Sur l'autre dimension, celle de la confes-sionnalité, M. le
Président, j'apporterai certains points qui viendront mettre en
lumière ce que les intervenants du milieu ont dit au ministre de
l'Éducation. La Centrale de l'enseignement du Québec,
communément appelée et mieux connue sous le nom de CEQ, que nous
disait-elle à ce sujet? À la page 4 de son mémoire, la CEQ
nous dit: "Force est de constater que le projet de loi 107 s'inscrit dans le
carcan de l'article 93 de la constitution de 1867 et que ni le gouvernement, ni
son ministre de l'Éducation ne manifestent de volonté de nous en
sortir. Il faut déplorer cette situation", nous disait-elle.

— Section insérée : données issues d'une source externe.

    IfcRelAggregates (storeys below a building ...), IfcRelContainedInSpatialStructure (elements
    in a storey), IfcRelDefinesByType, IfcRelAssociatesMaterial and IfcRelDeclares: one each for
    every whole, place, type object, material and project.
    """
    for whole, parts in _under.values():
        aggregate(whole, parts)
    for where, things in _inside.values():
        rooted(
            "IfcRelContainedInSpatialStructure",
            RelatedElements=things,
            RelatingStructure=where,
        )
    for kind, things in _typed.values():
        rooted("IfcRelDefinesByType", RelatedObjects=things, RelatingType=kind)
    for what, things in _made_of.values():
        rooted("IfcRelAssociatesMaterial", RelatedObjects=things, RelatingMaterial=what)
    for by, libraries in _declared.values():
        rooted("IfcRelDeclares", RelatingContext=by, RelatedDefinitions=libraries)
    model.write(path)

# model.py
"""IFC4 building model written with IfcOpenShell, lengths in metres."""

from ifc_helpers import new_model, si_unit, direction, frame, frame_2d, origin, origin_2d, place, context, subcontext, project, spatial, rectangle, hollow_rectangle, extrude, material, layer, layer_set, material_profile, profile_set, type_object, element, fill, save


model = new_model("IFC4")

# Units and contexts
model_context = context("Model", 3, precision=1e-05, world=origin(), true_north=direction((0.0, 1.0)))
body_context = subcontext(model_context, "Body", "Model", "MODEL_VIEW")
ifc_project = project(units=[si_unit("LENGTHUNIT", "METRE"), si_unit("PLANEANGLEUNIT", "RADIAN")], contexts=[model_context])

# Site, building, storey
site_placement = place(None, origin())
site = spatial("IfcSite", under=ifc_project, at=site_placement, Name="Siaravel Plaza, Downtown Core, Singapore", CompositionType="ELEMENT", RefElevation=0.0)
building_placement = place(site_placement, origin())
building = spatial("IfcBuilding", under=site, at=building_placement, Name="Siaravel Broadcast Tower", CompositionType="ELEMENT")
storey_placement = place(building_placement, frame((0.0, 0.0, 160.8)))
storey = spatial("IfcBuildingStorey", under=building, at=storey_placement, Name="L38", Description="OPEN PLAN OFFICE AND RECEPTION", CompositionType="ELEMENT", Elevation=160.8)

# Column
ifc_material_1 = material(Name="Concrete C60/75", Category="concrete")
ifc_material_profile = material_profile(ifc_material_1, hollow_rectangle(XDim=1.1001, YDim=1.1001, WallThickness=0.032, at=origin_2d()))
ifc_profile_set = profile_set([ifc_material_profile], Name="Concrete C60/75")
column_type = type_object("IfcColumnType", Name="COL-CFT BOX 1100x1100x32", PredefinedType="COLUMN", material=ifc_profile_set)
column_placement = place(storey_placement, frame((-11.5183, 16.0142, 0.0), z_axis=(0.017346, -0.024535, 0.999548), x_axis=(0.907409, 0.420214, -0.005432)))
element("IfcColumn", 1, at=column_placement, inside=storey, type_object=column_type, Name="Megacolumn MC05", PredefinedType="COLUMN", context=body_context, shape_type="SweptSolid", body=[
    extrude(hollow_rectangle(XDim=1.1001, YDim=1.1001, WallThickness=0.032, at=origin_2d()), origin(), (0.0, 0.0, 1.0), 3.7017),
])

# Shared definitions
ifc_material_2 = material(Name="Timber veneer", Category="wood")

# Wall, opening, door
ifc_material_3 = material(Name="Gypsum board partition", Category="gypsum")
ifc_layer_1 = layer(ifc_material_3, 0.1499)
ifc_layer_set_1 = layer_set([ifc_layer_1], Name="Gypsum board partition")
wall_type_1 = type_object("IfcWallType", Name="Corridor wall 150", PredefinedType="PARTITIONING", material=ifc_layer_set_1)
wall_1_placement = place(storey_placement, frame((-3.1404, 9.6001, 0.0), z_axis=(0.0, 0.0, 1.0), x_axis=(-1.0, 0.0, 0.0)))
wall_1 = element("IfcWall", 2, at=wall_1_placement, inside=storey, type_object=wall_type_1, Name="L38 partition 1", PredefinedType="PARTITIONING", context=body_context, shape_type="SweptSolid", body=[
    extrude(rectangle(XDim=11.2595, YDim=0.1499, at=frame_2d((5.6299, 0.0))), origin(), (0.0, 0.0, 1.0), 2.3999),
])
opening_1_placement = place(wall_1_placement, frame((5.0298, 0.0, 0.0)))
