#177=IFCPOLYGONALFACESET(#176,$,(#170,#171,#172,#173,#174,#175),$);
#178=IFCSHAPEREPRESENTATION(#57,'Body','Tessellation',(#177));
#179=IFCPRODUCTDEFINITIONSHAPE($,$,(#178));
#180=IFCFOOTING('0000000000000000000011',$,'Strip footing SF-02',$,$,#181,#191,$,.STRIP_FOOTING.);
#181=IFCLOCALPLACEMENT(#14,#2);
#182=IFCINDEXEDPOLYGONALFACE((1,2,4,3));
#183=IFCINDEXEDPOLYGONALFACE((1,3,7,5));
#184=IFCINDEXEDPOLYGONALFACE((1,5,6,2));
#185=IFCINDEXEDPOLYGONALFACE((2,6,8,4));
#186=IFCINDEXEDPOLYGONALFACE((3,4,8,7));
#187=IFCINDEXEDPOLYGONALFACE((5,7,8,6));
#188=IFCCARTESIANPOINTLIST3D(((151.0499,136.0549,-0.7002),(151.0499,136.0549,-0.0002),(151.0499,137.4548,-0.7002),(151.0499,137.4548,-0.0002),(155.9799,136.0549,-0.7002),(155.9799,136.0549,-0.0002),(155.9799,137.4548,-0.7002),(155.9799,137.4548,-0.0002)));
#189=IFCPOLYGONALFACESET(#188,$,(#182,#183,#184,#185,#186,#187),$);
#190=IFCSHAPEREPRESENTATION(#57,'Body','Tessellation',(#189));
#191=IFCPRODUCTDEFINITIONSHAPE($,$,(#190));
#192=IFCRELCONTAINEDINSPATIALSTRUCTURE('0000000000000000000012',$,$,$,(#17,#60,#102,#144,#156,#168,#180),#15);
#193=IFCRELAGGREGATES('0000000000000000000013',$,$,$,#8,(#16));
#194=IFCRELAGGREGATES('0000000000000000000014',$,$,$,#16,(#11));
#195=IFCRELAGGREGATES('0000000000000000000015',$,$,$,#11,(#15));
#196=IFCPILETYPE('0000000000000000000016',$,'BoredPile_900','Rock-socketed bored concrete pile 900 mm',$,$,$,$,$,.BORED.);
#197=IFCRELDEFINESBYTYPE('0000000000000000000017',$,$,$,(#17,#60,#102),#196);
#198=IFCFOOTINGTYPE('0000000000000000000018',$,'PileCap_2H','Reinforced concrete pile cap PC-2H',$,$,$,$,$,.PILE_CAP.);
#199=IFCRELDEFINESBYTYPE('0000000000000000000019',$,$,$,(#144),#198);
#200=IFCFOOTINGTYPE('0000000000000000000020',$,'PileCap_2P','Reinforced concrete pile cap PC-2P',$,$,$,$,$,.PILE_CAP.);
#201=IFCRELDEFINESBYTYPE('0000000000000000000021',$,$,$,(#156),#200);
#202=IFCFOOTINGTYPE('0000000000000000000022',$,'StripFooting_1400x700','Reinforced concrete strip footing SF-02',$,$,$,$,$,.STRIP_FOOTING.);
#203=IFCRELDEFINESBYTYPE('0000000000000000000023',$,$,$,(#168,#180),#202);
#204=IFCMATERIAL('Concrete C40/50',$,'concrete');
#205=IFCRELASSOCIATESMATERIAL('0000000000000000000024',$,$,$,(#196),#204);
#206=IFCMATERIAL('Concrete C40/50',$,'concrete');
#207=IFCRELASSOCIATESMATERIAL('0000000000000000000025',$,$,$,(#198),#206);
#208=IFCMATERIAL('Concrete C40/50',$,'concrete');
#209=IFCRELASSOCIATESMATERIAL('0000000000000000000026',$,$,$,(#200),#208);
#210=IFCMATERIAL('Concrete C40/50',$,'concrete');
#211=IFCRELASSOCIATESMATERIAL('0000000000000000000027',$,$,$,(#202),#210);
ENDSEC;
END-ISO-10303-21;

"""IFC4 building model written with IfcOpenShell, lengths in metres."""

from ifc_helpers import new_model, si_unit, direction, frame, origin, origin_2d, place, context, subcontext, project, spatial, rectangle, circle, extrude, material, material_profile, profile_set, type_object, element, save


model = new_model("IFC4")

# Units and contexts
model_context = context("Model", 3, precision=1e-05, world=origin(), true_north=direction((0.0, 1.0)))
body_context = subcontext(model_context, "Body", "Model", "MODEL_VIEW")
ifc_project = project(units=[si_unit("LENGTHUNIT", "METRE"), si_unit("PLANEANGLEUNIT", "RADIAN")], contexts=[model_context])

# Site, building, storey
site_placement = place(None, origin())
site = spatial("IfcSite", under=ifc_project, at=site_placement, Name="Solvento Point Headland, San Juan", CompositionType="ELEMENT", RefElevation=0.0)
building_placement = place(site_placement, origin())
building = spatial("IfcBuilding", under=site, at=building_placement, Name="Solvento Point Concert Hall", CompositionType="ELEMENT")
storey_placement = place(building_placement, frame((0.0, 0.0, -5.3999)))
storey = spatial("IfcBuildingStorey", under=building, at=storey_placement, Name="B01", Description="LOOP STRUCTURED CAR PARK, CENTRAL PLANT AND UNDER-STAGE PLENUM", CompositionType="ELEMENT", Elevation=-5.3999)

Toujours le
même groupe, la Centrale de l'enseignement du Québec, nous dit que
"le projet de loi 107 - c'est à la page 39 du mémoire - ne
répond pas aux attentes de la centrale et des personnels qu'elle
représente et ne saurait être accepté par la CEQ à
moins que de profondes modifications ne lui soient apportées."
Que dire maintenant de l'Alliance des professeurs de Montréal?
Ces voix viennent s'ajouter les unes aux autres et toujours à propos de
la confessionnalité. Elle dit, pour sa part, à la page 9 du
mémoire: "Aussi, sommes-nous extrêmement déçus par
le projet de loi 107 qui implante des structures linguistiques dans le
Québec." Un peu plus loin, elle nous dit: "Nous demandons au
gouvernement de tout mettre en oeuvre pour mettre fin à cette anomalie,
c'est-à-dire de traiter les citoyens montréalais du XXe
siècle en sujets du XIXe siècle."
Enfin, M. le Président, la Coalition pour l'égalité
des droits en éducation disait, dans son mémoire, à la
page 14: "S'il peut comporter certaines améliorations par rapport
à la loi actuelle sur des aspects secondaires, nous estimons que, pour
l'essentiel, ce projet de loi est surtout rétrograde; il empire le statu
quo au lieu de le corriger. Nous sommes d'avis qu'il devrait être
retiré purement et simplement."
La Fédération des travailleurs et des travailleuses du
Québec, la FTQ, disait de son côté: "Nous avons
été très déçus de constater que le projet de
loi 107 n'offre pas de garanties suffisantes pour et va carrément
à l'encontre de l'application de ces grands principes que nous
considérons fondamentaux." C'était la position de la CEQ.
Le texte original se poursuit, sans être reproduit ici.